Beverages manufacturer Schweppes Limited has come to the rescue of parents with children afflicted by cancer after donating $2 000 towards the purchase of essential drugs last week.

BY AARON UFUMELI

Kidzcan executive director Ntombi Muchuchuti (centre) accepts a donation from Schweppes marketing and public affairs manager Unaiswi Nyikadzino  (right) while Michelle Mayiseni  looks on at a ceremony held in Harare last Friday
Kidzcan executive director Ntombi Muchuchuti (centre) accepts a donation from Schweppes marketing and public affairs manager Unaiswi Nyikadzino(right) while Michelle Mayiseni looks on at a ceremony held in Harare last Friday

Schweppes marketing and public affairs manager Unaiswi Nyikadzino told guests at a handover ceremony that the company’s help to Kidzcan started in 2013.

Most organisations have been pouring millions of dollars into HIV and Aids programmes, but cancer has become one of the deadliest killers across the globe.

Nyikadzino said Kidcan had been very consistent and they felt obliged as a company to support its cause.

“When we sit sometimes in organisations and we look at our plans and our budgets, it is very important for us to ensure that we are also supporting communities. It doesn’t matter how bad the environment gets because if it’s tough for us as business, what more for people who are in a struggling economy where there is a high unemployment rate?” she said.

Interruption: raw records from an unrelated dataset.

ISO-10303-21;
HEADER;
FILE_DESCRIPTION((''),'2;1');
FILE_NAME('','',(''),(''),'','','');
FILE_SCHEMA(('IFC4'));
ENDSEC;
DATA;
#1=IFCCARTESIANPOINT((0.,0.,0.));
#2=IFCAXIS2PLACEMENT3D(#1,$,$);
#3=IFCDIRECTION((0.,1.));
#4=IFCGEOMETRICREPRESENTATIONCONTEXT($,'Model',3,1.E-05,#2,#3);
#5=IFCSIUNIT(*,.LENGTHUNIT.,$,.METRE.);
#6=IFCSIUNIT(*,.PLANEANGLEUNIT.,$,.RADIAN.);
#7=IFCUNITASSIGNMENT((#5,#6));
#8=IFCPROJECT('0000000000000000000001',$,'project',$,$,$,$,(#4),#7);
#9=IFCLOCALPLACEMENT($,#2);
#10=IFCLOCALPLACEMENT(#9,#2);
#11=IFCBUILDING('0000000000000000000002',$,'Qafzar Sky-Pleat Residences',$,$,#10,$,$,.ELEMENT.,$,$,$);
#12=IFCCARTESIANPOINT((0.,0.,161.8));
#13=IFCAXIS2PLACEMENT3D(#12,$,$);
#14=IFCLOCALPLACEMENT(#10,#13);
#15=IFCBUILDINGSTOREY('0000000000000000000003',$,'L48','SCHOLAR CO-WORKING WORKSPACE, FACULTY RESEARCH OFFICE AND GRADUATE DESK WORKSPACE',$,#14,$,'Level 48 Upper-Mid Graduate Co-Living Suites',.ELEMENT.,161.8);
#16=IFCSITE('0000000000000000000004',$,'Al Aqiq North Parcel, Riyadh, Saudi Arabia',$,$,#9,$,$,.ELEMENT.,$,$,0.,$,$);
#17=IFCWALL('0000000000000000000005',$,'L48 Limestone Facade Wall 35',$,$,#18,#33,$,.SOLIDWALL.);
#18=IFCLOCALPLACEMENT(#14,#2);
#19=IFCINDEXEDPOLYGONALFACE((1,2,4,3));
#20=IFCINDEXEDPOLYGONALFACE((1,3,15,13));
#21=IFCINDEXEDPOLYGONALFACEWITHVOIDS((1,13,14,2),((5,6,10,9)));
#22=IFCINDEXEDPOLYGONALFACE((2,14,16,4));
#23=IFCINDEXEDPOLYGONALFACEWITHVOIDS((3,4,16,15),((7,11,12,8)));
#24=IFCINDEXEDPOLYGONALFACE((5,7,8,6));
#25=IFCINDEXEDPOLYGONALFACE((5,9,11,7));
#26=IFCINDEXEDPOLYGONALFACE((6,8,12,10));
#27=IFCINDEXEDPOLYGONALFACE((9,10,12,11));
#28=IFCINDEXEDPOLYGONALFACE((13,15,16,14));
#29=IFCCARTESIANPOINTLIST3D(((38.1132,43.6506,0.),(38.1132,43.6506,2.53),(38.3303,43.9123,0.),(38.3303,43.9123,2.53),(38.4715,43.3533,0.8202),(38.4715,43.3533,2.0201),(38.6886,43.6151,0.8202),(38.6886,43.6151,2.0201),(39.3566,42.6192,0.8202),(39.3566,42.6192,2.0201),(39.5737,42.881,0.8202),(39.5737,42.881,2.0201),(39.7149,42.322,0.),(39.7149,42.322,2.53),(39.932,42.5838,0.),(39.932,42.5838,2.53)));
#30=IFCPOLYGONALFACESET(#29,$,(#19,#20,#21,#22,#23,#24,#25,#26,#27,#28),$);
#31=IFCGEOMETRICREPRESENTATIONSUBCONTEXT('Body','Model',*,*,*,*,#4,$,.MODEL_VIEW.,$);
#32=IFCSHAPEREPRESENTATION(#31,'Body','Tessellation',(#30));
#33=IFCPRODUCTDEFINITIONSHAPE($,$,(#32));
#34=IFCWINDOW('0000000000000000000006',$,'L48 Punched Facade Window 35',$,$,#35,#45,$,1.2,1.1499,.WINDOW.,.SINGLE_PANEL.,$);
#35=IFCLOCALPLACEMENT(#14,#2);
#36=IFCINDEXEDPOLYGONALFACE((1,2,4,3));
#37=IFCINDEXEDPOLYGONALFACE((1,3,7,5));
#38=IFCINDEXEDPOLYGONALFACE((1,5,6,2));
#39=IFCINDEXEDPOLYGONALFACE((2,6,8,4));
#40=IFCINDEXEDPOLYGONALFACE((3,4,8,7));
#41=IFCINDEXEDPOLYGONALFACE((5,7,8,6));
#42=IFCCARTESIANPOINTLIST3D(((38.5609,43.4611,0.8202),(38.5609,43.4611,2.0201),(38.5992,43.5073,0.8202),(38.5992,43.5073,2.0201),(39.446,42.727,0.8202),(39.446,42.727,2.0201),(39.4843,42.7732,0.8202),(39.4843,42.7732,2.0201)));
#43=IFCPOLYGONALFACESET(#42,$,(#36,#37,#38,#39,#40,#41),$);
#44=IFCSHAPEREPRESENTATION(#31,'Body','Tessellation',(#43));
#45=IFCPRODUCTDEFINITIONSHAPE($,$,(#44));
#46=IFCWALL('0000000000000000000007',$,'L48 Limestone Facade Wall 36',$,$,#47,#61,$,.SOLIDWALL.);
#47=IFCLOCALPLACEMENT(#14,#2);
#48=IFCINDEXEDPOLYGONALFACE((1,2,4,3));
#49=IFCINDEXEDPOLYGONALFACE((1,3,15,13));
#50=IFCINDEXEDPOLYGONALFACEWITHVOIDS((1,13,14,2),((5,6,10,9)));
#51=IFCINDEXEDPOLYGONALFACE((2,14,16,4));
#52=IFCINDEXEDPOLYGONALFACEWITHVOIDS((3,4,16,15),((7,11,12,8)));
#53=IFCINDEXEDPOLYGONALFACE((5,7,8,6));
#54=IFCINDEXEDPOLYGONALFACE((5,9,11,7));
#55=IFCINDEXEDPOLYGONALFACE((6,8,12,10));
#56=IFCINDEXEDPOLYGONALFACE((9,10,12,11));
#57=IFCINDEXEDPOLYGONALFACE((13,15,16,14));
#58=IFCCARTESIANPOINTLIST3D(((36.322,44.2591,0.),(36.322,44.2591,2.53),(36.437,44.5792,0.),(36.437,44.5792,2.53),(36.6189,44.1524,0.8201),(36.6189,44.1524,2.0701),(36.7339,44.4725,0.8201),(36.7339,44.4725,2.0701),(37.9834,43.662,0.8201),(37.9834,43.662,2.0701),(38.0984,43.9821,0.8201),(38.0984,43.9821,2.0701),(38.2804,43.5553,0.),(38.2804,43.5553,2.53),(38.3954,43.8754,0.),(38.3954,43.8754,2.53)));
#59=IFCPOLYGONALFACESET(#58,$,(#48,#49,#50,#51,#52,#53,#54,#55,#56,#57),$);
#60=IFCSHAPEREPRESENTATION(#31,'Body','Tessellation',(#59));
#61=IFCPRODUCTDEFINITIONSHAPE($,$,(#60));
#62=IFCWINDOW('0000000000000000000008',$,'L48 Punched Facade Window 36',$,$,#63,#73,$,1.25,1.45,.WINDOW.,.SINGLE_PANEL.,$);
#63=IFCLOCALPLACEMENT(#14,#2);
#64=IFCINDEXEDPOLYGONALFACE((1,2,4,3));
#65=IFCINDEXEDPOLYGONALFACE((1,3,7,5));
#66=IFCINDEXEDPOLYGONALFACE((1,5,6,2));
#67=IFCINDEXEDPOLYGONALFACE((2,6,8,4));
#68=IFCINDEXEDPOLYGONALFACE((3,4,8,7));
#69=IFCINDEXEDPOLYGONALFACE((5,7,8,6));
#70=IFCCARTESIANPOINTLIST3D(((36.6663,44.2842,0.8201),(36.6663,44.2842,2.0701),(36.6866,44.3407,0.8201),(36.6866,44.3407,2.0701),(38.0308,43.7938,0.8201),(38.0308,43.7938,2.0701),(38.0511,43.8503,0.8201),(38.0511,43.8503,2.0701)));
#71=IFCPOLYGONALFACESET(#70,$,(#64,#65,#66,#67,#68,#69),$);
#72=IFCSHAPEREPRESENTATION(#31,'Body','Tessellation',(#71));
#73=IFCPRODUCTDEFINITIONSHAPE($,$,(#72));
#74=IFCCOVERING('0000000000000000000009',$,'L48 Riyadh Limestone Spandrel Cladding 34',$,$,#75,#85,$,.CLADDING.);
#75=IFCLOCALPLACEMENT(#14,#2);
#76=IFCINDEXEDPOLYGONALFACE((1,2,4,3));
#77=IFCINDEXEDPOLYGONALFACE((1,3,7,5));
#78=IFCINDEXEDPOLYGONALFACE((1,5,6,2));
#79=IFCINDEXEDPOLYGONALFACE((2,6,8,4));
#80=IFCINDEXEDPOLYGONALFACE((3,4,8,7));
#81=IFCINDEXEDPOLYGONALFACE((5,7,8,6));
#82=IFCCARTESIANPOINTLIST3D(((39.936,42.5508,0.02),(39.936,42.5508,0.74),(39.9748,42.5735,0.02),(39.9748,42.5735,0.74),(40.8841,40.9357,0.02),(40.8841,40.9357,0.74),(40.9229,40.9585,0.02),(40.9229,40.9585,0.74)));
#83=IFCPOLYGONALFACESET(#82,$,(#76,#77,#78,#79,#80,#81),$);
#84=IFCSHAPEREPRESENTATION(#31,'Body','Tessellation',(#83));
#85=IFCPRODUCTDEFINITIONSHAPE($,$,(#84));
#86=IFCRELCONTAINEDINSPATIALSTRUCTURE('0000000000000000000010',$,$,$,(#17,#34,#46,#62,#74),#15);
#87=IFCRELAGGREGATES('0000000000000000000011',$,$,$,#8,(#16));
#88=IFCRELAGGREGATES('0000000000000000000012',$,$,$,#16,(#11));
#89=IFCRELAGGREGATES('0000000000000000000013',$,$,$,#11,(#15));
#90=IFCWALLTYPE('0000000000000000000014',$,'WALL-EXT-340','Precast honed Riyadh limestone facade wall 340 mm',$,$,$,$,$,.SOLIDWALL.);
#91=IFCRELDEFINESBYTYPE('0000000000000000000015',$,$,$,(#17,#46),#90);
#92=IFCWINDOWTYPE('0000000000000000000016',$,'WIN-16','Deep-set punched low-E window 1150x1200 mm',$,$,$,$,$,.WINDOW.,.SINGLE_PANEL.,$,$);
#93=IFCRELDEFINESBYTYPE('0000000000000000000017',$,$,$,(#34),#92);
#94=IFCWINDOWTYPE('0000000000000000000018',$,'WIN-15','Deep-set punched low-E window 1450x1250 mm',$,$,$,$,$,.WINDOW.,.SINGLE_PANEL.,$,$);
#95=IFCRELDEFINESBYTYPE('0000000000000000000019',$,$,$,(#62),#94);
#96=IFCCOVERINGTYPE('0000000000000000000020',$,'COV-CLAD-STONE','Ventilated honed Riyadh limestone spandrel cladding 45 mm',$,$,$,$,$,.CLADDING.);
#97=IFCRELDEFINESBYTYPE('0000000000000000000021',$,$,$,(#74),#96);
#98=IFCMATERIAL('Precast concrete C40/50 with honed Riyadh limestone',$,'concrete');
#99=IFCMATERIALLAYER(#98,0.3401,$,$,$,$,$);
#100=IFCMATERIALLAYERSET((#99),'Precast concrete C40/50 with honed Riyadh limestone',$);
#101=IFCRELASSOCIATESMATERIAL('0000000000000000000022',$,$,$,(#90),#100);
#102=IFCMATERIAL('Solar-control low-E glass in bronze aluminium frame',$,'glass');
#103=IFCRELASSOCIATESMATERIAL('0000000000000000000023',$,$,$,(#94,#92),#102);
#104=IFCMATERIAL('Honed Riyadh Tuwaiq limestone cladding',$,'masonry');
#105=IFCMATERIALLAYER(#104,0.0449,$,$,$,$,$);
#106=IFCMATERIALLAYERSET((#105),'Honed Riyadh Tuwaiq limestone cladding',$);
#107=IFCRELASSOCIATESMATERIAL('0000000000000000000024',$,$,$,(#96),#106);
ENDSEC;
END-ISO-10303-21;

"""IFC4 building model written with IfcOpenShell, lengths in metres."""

from ifc_helpers import new_model, si_unit, direction, frame, frame_2d, origin, origin_2d, place, context, subcontext, project, spatial, rectangle, extrude, source, transform, mapped, material, layer, layer_set, type_object, element, fill, save


model = new_model("IFC4")

# Units and contexts
model_context = context("Model", 3, precision=1e-05, world=origin(), true_north=direction((0.0, 1.0)))
body_context = subcontext(model_context, "Body", "Model", "MODEL_VIEW")
ifc_project = project(units=[si_unit("LENGTHUNIT", "METRE"), si_unit("PLANEANGLEUNIT", "RADIAN")], contexts=[model_context])

# Site, building, storey
site_placement = place(None, origin())
site = spatial("IfcSite", under=ifc_project, at=site_placement, Name="Al Aqiq North Parcel, Riyadh, Saudi Arabia", CompositionType="ELEMENT", RefElevation=0.0)
building_placement = place(site_placement, origin())
building = spatial("IfcBuilding", under=site, at=building_placement, Name="Qafzar Sky-Pleat Residences", CompositionType="ELEMENT")
storey_placement = place(building_placement, frame((0.0, 0.0, 161.8)))
storey = spatial("IfcBuildingStorey", under=building, at=storey_placement, Name="L48", Description="SCHOLAR CO-WORKING WORKSPACE, FACULTY RESEARCH OFFICE AND GRADUATE DESK WORKSPACE", LongName="Level 48 Upper-Mid Graduate Co-Living Suites", CompositionType="ELEMENT", Elevation=161.8)

# Shared definitions
ifc_material_1 = material(Name="Precast concrete C40/50 with honed Riyadh limestone", Category="concrete")
ifc_layer_1 = layer(ifc_material_1, 0.3401)
ifc_layer_set_1 = layer_set([ifc_layer_1], Name="Precast concrete C40/50 with honed Riyadh limestone")
wall_type_1 = type_object("IfcWallType", Name="WALL-EXT-340", Description="Precast honed Riyadh limestone facade wall 340 mm", PredefinedType="SOLIDWALL", material=ifc_layer_set_1)

# Walls, openings, windows
ifc_material_2 = material(Name="Solar-control low-E glass in bronze aluminium frame", Category="glass")
window_type_1 = type_object("IfcWindowType", Name="WIN-15", Description="Deep-set punched low-E window 1450x1250 mm", PartitioningType="SINGLE_PANEL", PredefinedType="WINDOW", material=ifc_material_2)
shared_shape_1 = source(origin(), body_context, "Body", "SweptSolid", [
    extrude(rectangle(XDim=1.45, YDim=1.25, at=frame_2d((0.7251, 0.625))), frame((0.0, 0.03, 0.0), z_axis=(0.0, -1.0, 0.0), x_axis=(1.0, 0.0, 0.0)), (0.0, 0.0, 1.0), 0.0601),
])
wall_1_placement = place(storey_placement, frame((39.8235, 42.4529, 0.0), z_axis=(0.0, 0.0, 1.0), x_axis=(-0.76969, 0.638417, 0.0)))
wall_1 = element("IfcWall", 1, at=wall_1_placement, inside=storey, type_object=wall_type_1, Name="L48 Limestone Facade Wall 35", PredefinedType="SOLIDWALL", context=body_context, shape_type="SweptSolid", body=[
    extrude(rectangle(XDim=2.0811, YDim=0.3401, at=frame_2d((1.0405, 0.0))), origin(), (0.0, 0.0, 1.0), 2.53),
])
opening_1_placement = place(wall_1_placement, frame((0.4656, 0.0, 0.8201)))
opening_1 = element("IfcOpeningElement", 2, at=opening_1_placement, cuts=wall_1, PredefinedType="OPENING", context=body_context, shape_type="SweptSolid", body=[
    extrude(rectangle(XDim=1.1499, YDim=1.2, at=frame_2d((0.575, 0.6001))), frame((0.0, 0.1802, 0.0), z_axis=(0.0, -1.0, 0.0), x_axis=(1.0, 0.0, 0.0)), (0.0, 0.0, 1.0), 0.3601),
])
window_type_2 = type_object("IfcWindowType", Name="WIN-16", Description="Deep-set punched low-E window 1150x1200 mm", PartitioningType="SINGLE_PANEL", PredefinedType="WINDOW", material=ifc_material_2)
shared_shape_2 = source(origin(), body_context, "Body", "SweptSolid", [
    extrude(rectangle(XDim=1.1499, YDim=1.2, at=frame_2d((0.575, 0.6001))), frame((0.0, 0.03, 0.0), z_axis=(0.0, -1.0, 0.0), x_axis=(1.0, 0.0, 0.0)), (0.0, 0.0, 1.0), 0.0601),
])
window_1_placement = place(opening_1_placement, origin())
window_1 = element("IfcWindow", 3, at=window_1_placement, inside=storey, type_object=window_type_2, Name="L48 Punched Facade Window 35", OverallHeight=1.2, OverallWidth=1.1499, PartitioningType="SINGLE_PANEL", PredefinedType="WINDOW", context=body_context, shape_type="MappedRepresentation", body=[
    mapped(shared_shape_2, transform((0.0, 0.0, 0.0), x_axis=(1.0, 0.0, 0.0), y_axis=(0.0, 1.0, 0.0), z_axis=(0.0, 0.0, 1.0), scale=1.0)),
])
fill(opening_1, window_1)
wall_2_placement = place(storey_placement, frame((38.3379, 43.7153, 0.0), z_axis=(0.0, 0.0, 1.0), x_axis=(-0.941071, 0.338208, 0.0)))
wall_2 = element("IfcWall", 4, at=wall_2_placement, inside=storey, type_object=wall_type_1, Name="L48 Limestone Facade Wall 36", PredefinedType="SOLIDWALL", context=body_context, shape_type="SweptSolid", body=[
    extrude(rectangle(XDim=2.0811, YDim=0.3401, at=frame_2d((1.0405, 0.0))), origin(), (0.0, 0.0, 1.0), 2.53),
])
opening_2_placement = place(wall_2_placement, frame((0.3154, 0.0, 0.8201)))
opening_2 = element("IfcOpeningElement", 5, at=opening_2_placement, cuts=wall_2, PredefinedType="OPENING", context=body_context, shape_type="SweptSolid", body=[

She said there was need to put aside something for the communities they operate in.

Nyakadzino said many people are forced to go to private hospitals which are very expensive and ordinary people could not afford it.

“I know cancer is not a big thing for people, many will want to talk and focus on HIV and put a lot of money into it. But as an organisation, we stepped out of that space because there are so many people that are dealing with it already,” she said, adding that when they looked at cancer, everyone had been affected in one way or the other.

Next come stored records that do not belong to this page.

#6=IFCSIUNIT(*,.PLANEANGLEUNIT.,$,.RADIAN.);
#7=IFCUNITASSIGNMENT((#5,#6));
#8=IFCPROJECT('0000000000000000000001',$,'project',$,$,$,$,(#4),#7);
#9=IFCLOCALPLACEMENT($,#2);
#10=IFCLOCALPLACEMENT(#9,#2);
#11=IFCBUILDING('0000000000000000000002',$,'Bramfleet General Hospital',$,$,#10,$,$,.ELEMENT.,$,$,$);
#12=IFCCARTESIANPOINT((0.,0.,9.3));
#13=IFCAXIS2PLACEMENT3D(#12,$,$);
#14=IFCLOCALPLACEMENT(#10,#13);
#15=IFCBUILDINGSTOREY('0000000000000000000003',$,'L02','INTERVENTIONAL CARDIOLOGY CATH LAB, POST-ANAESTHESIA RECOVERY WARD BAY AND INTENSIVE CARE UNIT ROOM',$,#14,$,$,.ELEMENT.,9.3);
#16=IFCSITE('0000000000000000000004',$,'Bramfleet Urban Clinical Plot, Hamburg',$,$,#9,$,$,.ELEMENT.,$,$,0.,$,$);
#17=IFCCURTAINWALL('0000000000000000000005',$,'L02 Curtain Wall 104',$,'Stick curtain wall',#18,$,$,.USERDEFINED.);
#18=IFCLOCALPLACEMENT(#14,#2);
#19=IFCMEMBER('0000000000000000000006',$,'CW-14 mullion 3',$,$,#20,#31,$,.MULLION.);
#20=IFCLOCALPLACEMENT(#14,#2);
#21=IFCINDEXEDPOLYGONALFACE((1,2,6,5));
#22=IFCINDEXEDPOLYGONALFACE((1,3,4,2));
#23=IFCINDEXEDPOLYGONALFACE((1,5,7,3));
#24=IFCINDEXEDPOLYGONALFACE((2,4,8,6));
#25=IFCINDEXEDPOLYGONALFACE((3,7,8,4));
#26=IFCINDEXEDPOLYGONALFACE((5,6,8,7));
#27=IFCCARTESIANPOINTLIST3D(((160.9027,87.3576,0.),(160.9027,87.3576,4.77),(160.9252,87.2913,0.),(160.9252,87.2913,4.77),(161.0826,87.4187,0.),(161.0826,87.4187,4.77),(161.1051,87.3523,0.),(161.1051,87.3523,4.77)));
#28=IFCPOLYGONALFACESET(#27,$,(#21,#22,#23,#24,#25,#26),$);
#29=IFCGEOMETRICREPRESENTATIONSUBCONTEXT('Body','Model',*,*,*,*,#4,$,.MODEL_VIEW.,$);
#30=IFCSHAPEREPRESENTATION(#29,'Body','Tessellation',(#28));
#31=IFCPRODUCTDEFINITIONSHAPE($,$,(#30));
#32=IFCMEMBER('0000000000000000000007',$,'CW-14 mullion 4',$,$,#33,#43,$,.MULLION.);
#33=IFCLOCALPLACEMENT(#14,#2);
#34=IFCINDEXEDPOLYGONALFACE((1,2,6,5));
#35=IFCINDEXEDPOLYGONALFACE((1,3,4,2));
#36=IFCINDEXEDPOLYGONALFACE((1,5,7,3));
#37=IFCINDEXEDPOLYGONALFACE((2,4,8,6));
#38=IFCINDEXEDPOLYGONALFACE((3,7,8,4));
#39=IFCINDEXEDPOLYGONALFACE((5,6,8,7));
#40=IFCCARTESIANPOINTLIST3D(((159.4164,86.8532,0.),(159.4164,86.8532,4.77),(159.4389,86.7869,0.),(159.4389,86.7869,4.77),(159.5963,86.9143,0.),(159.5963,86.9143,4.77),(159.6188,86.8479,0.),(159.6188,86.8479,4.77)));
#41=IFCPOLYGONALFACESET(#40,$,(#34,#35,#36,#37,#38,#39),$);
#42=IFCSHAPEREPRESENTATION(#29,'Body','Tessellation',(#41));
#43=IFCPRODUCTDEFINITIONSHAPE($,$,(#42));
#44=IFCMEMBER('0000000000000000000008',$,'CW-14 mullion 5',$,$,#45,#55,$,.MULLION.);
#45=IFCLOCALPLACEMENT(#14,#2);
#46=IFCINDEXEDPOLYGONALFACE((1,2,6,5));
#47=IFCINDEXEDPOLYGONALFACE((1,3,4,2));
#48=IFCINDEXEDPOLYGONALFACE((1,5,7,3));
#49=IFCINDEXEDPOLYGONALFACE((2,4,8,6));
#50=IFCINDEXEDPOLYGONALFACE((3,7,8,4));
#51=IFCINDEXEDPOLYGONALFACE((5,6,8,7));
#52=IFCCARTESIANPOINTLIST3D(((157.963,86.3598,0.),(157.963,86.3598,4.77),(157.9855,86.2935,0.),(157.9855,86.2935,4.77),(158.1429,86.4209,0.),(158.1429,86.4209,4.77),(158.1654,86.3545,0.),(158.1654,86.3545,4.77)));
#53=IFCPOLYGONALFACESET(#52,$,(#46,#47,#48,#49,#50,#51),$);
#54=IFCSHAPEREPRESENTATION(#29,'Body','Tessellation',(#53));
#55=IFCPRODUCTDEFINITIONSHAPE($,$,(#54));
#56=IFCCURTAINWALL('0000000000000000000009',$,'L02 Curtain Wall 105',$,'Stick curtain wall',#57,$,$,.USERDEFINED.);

Kidzcan executive director Ntombi Muchuchuti said cancer was affecting even children as young as 13.

“There is a misconception that breast or prostate cancer afflicts older male or female people, but we can say for a fact that it’s wrong. We have got children at 13 years with breast cancer and a child at nine months with cancer of the testicles. We also have a little girl at 14 years with cancer of the ovaries in our database, which is more than 2 000,” Muchuchuti said.

Muchuchuti said what Kidzcan was doing in early detection, was to educate everybody and refer them on time because the survival rate of a child with cancer when diagnosed on time was very high.

One surviving cancer patient Arundel High School Lower Six student Michelle Mayiseni, who got her leg amputated in 2012 after early detection, praised Schweppes for its timely intervention.